Some history: the late Iain Banks's novel The Wasp Factory is as astonishing now as it was when first published in 1984; the gut-wrenching horror of its subject-matter is conveyed through needle-sharp observation couched in prose by turns comic and lyrically beautiful, and its core is a psycho-sexual conundrum explained only on the final page. Masquerading as gothic horror, it's a minor literary masterpiece.
Having decided for some obscure reason to turn this all-male tale into an opera for three female singers plus a string quintet and electronics, composer-director Ben Frost hired David Pountney as librettist. Pountney has justified his ruthlessly stylised version (which Banks amiably disowned) with the argument that a 'faithful' adaptation is a pointless exercise, and that his job had simply been to grasp the book's central idea that a disturbed child could become a serial killer.

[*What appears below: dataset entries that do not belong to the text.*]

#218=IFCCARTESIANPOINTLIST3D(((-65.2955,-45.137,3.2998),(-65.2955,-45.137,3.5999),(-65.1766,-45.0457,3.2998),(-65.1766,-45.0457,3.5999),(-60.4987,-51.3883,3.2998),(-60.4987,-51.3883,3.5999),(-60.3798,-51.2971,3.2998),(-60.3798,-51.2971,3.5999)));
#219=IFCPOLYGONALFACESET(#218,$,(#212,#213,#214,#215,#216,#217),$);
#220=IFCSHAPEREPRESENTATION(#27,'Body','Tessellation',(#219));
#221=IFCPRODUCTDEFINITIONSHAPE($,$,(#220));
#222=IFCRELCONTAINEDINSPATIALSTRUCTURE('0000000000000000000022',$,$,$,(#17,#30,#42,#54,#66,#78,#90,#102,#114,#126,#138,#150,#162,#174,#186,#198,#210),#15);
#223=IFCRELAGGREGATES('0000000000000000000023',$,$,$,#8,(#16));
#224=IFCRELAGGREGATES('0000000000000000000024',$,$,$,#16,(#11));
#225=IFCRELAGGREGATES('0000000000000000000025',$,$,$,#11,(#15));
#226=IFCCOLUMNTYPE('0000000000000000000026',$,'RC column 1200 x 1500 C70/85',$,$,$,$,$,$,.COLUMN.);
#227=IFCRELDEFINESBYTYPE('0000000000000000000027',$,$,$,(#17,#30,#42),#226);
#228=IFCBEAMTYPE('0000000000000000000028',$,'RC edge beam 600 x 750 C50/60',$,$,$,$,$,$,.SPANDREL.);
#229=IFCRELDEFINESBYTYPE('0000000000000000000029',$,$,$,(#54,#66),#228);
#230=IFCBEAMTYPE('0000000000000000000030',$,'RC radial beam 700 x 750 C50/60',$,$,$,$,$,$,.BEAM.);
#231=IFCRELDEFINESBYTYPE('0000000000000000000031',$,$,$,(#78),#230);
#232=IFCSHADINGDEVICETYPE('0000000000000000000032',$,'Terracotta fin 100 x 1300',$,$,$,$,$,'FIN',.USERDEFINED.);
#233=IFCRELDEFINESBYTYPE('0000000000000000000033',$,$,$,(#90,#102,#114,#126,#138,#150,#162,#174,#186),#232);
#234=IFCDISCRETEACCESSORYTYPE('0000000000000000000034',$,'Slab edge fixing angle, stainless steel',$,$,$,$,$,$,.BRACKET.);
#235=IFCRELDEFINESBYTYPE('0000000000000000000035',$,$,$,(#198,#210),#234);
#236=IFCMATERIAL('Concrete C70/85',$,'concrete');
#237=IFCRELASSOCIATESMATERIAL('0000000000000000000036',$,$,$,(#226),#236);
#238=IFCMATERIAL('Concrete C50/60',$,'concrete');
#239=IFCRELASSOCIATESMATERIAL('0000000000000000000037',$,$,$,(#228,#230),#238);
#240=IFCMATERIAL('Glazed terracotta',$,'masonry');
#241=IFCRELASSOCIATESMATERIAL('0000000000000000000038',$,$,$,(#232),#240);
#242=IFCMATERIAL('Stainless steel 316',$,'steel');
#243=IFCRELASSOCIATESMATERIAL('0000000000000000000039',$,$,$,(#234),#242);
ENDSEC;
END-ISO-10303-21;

The programme carries an interview between Frost and a psychiatrist in which the psychiatrist discourses learnedly on autism, while Frost claims that as a boy he himself had much in common with the story's protagonist, even if his interest in home-made explosives didn't stretch to torturing animals and killing people.
Having read both the book and the libretto (which has its own gnomic logic), I'd assumed I'd know what was going on. However, there are no surtitles, and the crude amplification and ludicrously mannered word-setting mangle the sense so that nothing is comprehensible: Frost evidently disdains anything so banal as telling a story or sketching character, both of which should have been integral to the exercise. One's heart went out to the valiant singers – Lieselot De Wilde, Mariam Wallentin, and Jordis Richter – as they enacted their dismal and dangerous pole-dance for the final half hour, and one admired the stamina of the string-players. But by no stretch could this expensive and mind-numbingly pretentious farrago be described as an 'opera'.